An dieser Stelle die Frage: nun ist die Bean UserEditAllBean im Spring application context als "userEditAll" bekannt. Zugleich ist die Bean aber eine CDI-Bean und im WebContainer als "userEditAll" bekannt. Wie kann ich das differenzieren / verstehen? Dann gäbe es ja zwei Instanzen derselben Bean!?

Änderung (weil sich Beitrag von DerFeivel und meiner zeitlich überschnitten haben):
@DerFeivel: beim injecten ging nichts schief. Spring instantiiert aber erst, bevor injected wird - konnte in obigem Fall aber nicht instantiieren, weil der userService noch nicht da war (HenneOderEi). Der _wäre_ dann nach dem Ausführen des Konstruktors injected worden. 

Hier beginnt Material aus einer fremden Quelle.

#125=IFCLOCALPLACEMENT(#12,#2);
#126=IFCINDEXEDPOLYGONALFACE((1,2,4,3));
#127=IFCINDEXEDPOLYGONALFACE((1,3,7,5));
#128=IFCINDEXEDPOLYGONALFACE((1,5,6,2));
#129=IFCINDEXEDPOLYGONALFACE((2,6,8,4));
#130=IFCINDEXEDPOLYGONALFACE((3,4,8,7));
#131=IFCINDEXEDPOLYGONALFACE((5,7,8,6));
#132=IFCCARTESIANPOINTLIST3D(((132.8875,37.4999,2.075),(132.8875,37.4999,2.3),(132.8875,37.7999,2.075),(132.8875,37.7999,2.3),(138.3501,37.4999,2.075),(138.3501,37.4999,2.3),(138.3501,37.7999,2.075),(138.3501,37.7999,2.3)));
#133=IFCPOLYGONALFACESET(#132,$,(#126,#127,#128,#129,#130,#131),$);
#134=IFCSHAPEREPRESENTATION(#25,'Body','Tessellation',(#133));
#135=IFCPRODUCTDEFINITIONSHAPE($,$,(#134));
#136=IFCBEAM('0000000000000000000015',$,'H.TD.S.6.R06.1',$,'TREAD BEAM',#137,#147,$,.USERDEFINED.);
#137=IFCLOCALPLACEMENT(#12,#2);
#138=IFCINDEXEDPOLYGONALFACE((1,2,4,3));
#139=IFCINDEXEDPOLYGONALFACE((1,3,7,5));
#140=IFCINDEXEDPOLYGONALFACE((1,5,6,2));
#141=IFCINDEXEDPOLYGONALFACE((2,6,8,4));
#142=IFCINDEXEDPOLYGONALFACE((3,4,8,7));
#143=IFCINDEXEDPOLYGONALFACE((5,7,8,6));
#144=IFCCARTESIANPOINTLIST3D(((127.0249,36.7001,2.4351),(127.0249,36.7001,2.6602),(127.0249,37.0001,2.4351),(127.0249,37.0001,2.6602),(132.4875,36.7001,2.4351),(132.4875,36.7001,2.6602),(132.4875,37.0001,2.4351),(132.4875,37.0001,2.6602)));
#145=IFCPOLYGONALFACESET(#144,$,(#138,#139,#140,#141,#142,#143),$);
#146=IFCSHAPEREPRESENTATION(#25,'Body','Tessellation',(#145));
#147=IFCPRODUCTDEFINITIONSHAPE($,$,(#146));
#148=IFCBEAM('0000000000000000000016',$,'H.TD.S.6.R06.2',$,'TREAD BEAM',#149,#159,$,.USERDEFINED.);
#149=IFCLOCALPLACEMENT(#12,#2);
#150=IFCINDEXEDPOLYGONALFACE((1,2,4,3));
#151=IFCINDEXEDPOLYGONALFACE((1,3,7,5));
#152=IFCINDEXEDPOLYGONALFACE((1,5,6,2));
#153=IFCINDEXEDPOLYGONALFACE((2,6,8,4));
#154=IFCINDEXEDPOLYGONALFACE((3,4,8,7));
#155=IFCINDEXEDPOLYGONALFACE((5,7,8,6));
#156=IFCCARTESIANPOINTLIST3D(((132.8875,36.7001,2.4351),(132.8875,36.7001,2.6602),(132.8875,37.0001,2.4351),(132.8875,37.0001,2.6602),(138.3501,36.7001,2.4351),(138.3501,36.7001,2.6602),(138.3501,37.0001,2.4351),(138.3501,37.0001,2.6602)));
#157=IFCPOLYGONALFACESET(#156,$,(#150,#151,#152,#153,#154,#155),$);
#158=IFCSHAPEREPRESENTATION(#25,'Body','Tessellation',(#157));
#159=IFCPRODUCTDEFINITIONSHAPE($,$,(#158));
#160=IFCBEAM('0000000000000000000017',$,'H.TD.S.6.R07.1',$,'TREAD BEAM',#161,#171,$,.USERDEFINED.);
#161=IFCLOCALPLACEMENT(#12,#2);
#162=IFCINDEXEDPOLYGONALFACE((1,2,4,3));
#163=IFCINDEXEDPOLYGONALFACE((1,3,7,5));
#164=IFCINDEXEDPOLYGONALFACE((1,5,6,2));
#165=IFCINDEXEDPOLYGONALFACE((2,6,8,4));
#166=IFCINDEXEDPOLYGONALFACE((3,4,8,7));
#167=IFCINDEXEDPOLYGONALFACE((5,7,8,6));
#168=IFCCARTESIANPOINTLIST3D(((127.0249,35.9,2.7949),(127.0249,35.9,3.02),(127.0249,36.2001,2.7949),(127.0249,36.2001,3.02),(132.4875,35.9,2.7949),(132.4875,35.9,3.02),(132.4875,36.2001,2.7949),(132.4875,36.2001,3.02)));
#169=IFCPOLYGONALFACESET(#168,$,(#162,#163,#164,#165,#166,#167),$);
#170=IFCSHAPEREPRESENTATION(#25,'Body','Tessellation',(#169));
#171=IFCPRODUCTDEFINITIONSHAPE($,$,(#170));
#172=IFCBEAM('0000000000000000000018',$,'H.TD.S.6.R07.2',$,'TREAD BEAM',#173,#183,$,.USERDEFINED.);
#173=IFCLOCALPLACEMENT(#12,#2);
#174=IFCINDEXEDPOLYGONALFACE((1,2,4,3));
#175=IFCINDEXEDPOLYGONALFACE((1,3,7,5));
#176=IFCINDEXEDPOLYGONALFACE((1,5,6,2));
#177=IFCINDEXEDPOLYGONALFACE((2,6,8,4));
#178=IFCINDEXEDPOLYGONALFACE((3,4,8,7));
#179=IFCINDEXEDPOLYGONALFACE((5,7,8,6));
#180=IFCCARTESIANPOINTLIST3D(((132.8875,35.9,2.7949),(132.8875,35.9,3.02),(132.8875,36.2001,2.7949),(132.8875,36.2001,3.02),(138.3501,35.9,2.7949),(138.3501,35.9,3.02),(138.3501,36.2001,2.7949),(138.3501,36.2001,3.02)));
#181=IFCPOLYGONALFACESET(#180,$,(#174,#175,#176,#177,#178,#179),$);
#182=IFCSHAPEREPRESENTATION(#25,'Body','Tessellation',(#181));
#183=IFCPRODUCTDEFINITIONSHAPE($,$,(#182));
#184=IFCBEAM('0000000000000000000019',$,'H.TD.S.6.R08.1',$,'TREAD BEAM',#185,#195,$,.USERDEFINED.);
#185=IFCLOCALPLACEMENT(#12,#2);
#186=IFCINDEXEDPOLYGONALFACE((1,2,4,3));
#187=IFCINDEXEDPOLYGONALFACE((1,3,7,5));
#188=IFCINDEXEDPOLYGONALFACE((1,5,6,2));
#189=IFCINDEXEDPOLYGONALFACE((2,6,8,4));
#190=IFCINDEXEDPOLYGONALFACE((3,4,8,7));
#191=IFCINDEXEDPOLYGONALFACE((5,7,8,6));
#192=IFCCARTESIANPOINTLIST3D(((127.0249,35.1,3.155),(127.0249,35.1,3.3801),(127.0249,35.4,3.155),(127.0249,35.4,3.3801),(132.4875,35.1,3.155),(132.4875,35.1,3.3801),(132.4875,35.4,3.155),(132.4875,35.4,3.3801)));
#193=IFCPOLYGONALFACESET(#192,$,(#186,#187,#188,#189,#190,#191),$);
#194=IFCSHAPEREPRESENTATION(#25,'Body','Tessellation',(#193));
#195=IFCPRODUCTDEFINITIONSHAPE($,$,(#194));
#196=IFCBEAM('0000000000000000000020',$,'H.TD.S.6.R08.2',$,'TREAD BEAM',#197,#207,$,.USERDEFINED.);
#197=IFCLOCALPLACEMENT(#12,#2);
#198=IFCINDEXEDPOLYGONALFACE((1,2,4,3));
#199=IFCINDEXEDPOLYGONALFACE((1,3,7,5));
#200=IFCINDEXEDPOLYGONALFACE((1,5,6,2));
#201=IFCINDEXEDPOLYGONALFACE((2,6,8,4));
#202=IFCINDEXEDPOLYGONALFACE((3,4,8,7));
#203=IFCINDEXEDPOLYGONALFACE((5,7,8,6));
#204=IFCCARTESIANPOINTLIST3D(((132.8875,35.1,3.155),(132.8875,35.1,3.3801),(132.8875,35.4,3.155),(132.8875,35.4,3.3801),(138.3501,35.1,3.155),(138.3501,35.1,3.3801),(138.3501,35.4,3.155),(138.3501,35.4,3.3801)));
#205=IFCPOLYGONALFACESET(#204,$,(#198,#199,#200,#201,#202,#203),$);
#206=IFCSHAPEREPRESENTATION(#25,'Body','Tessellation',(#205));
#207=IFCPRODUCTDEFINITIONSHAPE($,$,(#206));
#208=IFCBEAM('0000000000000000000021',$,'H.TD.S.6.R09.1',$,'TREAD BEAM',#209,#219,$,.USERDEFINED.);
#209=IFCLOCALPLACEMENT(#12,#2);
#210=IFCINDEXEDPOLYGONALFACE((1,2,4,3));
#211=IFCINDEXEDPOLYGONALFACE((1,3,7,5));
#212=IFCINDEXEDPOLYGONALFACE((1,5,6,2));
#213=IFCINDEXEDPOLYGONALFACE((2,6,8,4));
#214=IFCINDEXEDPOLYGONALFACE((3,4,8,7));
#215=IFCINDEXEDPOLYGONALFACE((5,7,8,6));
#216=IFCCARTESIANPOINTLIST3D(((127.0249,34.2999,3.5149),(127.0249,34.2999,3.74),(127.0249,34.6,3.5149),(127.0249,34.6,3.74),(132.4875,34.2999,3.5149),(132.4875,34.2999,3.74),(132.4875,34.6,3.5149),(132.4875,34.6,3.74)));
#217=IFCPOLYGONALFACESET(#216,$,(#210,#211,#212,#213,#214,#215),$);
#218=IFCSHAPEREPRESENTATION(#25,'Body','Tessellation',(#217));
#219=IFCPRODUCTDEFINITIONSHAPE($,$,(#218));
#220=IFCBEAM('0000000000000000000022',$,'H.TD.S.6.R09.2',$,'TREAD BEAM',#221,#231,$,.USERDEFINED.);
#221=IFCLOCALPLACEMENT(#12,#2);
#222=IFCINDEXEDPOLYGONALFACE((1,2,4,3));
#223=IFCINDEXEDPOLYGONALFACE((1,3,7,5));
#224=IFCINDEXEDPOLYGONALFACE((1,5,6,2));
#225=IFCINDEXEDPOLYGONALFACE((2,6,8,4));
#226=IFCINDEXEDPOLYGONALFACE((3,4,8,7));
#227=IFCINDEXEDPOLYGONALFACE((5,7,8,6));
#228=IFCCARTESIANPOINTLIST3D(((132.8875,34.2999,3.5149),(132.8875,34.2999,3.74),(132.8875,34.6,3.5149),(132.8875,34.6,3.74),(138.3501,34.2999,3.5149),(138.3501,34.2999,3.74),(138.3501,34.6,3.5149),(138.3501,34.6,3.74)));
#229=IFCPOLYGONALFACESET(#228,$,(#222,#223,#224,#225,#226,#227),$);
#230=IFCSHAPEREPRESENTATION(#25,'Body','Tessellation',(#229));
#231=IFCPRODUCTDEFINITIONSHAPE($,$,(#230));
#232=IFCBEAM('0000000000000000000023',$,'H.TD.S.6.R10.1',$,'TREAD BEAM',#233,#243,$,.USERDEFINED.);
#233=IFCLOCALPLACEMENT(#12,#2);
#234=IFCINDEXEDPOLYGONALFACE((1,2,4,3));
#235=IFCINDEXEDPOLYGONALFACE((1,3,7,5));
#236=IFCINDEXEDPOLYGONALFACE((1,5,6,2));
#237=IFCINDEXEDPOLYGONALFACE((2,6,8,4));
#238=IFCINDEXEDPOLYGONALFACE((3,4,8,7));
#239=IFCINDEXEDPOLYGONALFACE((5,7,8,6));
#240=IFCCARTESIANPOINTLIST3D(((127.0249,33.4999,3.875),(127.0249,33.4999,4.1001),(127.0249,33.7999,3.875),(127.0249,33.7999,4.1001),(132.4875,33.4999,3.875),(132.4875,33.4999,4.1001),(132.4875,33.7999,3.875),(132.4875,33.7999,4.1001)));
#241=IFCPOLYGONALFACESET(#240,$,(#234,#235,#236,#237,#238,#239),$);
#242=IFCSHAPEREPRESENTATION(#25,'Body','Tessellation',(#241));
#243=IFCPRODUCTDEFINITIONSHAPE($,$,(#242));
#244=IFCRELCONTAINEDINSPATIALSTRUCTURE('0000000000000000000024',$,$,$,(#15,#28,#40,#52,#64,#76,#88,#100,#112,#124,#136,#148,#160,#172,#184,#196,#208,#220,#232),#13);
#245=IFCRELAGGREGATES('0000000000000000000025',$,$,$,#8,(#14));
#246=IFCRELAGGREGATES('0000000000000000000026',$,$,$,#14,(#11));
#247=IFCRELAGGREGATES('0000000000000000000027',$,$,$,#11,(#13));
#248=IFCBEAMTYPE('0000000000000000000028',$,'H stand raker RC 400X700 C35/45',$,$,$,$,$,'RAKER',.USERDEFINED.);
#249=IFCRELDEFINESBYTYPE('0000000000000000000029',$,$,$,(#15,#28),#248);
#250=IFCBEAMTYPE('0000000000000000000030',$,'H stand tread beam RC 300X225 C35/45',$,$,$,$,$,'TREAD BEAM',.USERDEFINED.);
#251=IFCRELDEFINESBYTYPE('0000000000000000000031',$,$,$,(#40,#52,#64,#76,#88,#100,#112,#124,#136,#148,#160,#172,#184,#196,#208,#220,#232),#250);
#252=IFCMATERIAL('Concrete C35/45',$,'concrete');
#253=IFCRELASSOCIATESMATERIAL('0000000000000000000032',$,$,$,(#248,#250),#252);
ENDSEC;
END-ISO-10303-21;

Die von Dir vorgeschlagene Lösung könnte auch funktionieren, allerdings müßte ich dann die ganze Kette an verwendeten Objekten manuell instantiieren (z.B. außer dem userService die DAO-Klasse und die Entität), ansonsten wirft nicht userEditAll die NPE, sondern der userService. Das soll Spring für mich machen.


----------



## mvitz (2. Feb 2012)

Wenn du sowieso CDI nutzt, wieso benutzt du dann mit Spring noch einen zweiten DI Container?


----------



## Raphalon (3. Feb 2012)

Da erwischst Du mich jetzt kalt. Ich habe eine JSF-Anwendung basierend auf Hibernate und Spring gebaut, basierend auf einer Vorlage (damit ich mich diese recht massigen Themen erst mal einarbeiten kann). Mit Spring kann ich auch Hibernate konfigurieren. Geht das mit CDI auch oder braucht man für CDI gar keine Konfig? Falls doch, würde man für CDI auch eine separate Konfigurationsdatei erstellen?


----------



## mvitz (4. Feb 2012)

Tut mir leid, habe bisher mit JSF und CDI quasi nichts gemacht, außer ganz minimale Beispiele, die dann allerdings ohne Spring.


----------